The ``dark horse'' among principles offered to explain the evolution of modifier genes must certainly be Kimura's (1960) ``Principle of Minimum Genetic Load'' , which proposes that modifiers would evolve to minimize the total genetic load in the population, including mutational and substitutional loads. Kimura offerred this principle not as a result, but as a premise upon which he derived ``optimum'' degrees of dominance and optimal mutation rates, and he gave no justification for it. No one has ever pursued this principle further. Although genetic load arguments have often been invoked without justification, we will find that the results in this thesis lead one back to Kimura'a ``Principle of Minimum Genetic Load'' in a restricted form: how a modifier gene evolves depends on the nature of the variation it controls, but as long as it is not itself being transformed, it may be that inevitable effect is to reduce the equilibrium genetic load of the population.

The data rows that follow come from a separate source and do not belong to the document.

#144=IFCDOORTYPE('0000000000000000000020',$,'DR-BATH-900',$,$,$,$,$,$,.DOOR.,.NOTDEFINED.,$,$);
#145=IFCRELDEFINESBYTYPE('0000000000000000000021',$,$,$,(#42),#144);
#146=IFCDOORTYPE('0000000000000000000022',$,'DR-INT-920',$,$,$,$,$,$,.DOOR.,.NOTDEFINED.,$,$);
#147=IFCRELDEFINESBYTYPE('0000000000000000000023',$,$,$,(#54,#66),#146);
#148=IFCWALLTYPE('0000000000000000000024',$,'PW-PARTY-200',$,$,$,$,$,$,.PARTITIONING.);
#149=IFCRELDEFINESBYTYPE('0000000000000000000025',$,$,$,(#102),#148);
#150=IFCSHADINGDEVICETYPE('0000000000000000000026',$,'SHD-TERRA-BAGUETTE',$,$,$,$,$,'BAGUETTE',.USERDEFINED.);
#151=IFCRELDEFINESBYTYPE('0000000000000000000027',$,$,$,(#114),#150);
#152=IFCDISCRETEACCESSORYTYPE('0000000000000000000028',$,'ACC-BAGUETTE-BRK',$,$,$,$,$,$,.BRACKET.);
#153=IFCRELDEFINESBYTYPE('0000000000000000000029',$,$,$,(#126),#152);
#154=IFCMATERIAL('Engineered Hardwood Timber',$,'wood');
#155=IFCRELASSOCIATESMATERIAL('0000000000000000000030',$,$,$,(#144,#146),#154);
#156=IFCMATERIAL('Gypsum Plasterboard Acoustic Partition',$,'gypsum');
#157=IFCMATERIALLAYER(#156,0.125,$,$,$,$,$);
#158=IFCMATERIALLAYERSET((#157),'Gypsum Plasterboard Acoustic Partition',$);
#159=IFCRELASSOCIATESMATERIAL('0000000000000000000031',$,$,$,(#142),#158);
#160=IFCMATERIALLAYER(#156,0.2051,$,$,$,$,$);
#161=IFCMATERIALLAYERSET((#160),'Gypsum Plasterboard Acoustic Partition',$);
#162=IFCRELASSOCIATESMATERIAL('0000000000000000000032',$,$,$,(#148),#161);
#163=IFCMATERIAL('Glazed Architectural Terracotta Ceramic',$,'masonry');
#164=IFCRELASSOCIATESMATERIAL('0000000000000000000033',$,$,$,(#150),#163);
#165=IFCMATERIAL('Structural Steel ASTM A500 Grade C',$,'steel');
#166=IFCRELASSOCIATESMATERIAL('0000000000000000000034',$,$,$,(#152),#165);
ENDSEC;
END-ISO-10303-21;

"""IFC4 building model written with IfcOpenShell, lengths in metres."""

Furthermore, we can address what is something of a myth about neutral modifier genes: that selection on them will be very weak, and that any intrinsic pleiotropic fitness effects will overwhelm the selection due to modifier effects (Wright, 1964). In Chapter 3, we will see that this is not a necessary property of modifier genes, but rather, that the strength of the induced selection acting on a neutral modifier can be on the order of the genetic variance in fitness in the population.
Chapter 4 is a discussion of these results in a general context. One point made is that models of genetic control of phenotype distributions, such as sex ratio, habitat preference, propensity to perform altruism, and so forth, bear a fundamental homology with modifier gene models, and I discuss some of the common features of both.
Although the results I obtain here generalize much about the theory of modifier genes, they comprise the bare surface of what is easily tractable within the broad scope of of ``selection processes'' and ``transformation processes'' which includes phenomena as diverse as sexual reproduction, cultural transmission, migration, and host shifts of organisms. The theory analyzed here will be restricted to infinite populations, near genetic equilibrium, in constant environments. Nevertheless, I hope that by describing the general scope of this framework, it may facilitate further extensions of the theory.